Why Will You Like This Recipe?
This Matcha pancakes mix-friendly recipe is easy, customizable, and naturally dairy-free. It delivers a soft, airy texture with a hint of earthy sweetness, making it a nutritious upgrade to your morning routine.

Matcha Pancakes Recipe: Light, Green, and Delicious
Servings and Timing
- Prep Time: 10 minutes
- Cook Time: 10 minutes
- Total Time: 20 minutes
- Servings: 4 (yields 10–12 pancakes)
- Calories: 308 kcal per serving

Fluffy Matcha Pancakes
Ingredients
Equipment
Method
- Whisk together flour, baking powder, salt, sugar, and matcha powder in a large bowl. Sift to remove lumps.

- In a separate bowl, mix melted butter, egg, almond milk, and vanilla extract.
- Pour wet ingredients into dry mixture and stir gently until combined. Do not overmix. Let batter rest 5 minutes.

- Preheat non-stick skillet or griddle over medium-high heat and lightly grease with cooking spray or oil.
- Pour 1/4 cup of batter per pancake. Cook 2–3 minutes until bubbles form, then flip and cook 1–2 minutes until golden.

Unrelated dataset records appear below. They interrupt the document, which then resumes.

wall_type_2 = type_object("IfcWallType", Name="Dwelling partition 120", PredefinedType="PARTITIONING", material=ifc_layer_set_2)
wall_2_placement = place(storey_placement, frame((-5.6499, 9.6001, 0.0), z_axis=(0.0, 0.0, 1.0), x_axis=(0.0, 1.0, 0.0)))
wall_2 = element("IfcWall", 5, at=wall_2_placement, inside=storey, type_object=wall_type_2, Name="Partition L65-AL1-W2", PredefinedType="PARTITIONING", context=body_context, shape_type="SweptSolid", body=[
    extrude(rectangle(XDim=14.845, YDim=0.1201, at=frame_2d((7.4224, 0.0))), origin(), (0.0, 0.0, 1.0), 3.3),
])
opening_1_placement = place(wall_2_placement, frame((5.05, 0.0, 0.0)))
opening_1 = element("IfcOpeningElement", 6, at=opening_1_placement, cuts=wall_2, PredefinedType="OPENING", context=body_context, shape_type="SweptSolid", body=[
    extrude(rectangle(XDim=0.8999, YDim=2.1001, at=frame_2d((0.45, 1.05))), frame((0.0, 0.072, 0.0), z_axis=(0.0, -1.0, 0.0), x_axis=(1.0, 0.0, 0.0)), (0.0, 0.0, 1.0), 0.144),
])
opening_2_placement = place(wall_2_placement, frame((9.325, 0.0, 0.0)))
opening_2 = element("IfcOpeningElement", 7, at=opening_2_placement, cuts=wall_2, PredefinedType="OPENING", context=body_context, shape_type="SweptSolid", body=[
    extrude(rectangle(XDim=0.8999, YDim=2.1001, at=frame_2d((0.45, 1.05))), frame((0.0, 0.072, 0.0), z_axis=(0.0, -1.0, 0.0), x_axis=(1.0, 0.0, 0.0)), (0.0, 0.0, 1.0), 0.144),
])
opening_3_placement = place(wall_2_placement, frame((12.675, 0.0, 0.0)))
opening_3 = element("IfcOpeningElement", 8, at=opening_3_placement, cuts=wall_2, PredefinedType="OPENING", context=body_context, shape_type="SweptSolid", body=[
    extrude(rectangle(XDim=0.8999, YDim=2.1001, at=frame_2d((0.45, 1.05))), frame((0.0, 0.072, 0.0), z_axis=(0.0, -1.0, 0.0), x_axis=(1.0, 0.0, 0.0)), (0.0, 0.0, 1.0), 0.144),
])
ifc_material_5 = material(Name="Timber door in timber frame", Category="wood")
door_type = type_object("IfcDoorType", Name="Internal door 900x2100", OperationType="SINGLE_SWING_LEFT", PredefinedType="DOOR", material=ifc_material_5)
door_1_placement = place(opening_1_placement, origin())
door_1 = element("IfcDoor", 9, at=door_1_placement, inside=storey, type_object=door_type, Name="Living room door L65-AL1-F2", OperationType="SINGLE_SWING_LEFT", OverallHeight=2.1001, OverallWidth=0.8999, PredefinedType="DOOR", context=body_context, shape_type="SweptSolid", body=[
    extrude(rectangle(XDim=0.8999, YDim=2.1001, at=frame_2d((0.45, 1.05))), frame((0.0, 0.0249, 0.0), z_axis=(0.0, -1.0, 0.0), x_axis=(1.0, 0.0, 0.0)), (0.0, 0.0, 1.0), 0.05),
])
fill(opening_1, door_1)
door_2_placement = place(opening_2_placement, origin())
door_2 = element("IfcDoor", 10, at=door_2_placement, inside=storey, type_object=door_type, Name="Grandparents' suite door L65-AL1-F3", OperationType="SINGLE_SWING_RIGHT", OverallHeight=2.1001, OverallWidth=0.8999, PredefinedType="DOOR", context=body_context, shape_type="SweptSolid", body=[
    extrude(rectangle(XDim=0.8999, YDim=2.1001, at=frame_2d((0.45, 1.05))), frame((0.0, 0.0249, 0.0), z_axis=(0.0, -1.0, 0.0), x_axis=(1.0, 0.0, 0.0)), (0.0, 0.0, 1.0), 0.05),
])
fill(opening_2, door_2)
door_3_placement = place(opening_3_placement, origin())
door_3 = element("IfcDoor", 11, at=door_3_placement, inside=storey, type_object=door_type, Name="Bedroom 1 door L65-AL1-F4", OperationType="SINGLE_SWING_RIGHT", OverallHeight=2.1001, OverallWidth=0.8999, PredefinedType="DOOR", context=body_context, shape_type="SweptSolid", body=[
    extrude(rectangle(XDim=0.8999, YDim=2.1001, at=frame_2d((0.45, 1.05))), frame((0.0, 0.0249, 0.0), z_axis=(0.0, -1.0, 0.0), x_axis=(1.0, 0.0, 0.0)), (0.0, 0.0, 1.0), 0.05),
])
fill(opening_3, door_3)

- Serve warm with maple syrup, fruit, or whipped coconut cream. Keep cooked pancakes warm in a 200°F (95°C) oven if making a batch.

Notes
Ingredients for Fluffy Pancakes
Here’s what you’ll need to make this vibrant and wholesome Matcha pancakes recipe, with notes for substitutions including a vegan pancakes option:
- 1 ½ cups (190g) all-purpose flour – For a gluten-free version, use a 1:1 gluten-free flour blend.
- 3 ½ teaspoons baking powder – Ensures your Matcha pancakes fluffy texture.
- 1 teaspoon salt – Balances sweetness and enhances flavor.
- 1 tablespoon sugar – Can be replaced with coconut sugar or monk fruit for lower glycemic options.
- 1 tablespoon high-quality matcha powder – Key for vibrant color and health benefits. Use ceremonial grade for best flavor.
- 3 tablespoons melted butter (or plant-based butter) – For vegan Matcha pancakes, use coconut oil or vegan margarine.
- 1 large egg – For vegan version, substitute with 1 flax egg (1 tbsp ground flaxseed + 3 tbsp water).
- 1 ¼ cups (300ml) almond milk (plain or vanilla) – Oat or soy milk work well too.
- 1 tablespoon vanilla extract – Enhances the matcha flavor and adds sweetness.
- Cooking spray or oil – For greasing the griddle or skillet.
Preparation Method: How to Make Matcha Pancakes
Step One: Mix the Dry Ingredients
In a large bowl, combine the all-purpose flour, baking powder, salt, sugar, and matcha powder. Sifting the matcha beforehand helps create a smooth, lump-free batter, which is essential for fluffy Matcha pancakes. Whisk everything thoroughly to evenly incorporate the vibrant green powder throughout the mixture.
Tip: Use a fine mesh sieve to sift the matcha and flour together. This prevents clumps and gives your Matcha pancakes mix a professional texture.
Step Two: Combine Wet Ingredients
In a separate bowl or measuring cup, mix the melted butter, egg, almond milk, and vanilla extract. Pour this into the dry ingredients and stir gently until just combined. Avoid overmixing to keep the pancakes light and fluffy.
Tip: Let the batter rest for 5 minutes. This gives the baking powder time to activate and allows the flour to fully hydrate, ensuring your Matcha pancakes turn out extra fluffy.
Step Three: Cook to Perfection
Preheat a non-stick skillet or griddle over medium-high heat and lightly grease it with cooking spray or butter. Pour about ¼ cup of Matcha pancake batter onto the hot surface for each pancake.
Cook the Matcha pancakes for 2–3 minutes, until bubbles form on the surface and the edges start to set. Flip carefully and cook for an additional 1–2 minutes, or until golden brown.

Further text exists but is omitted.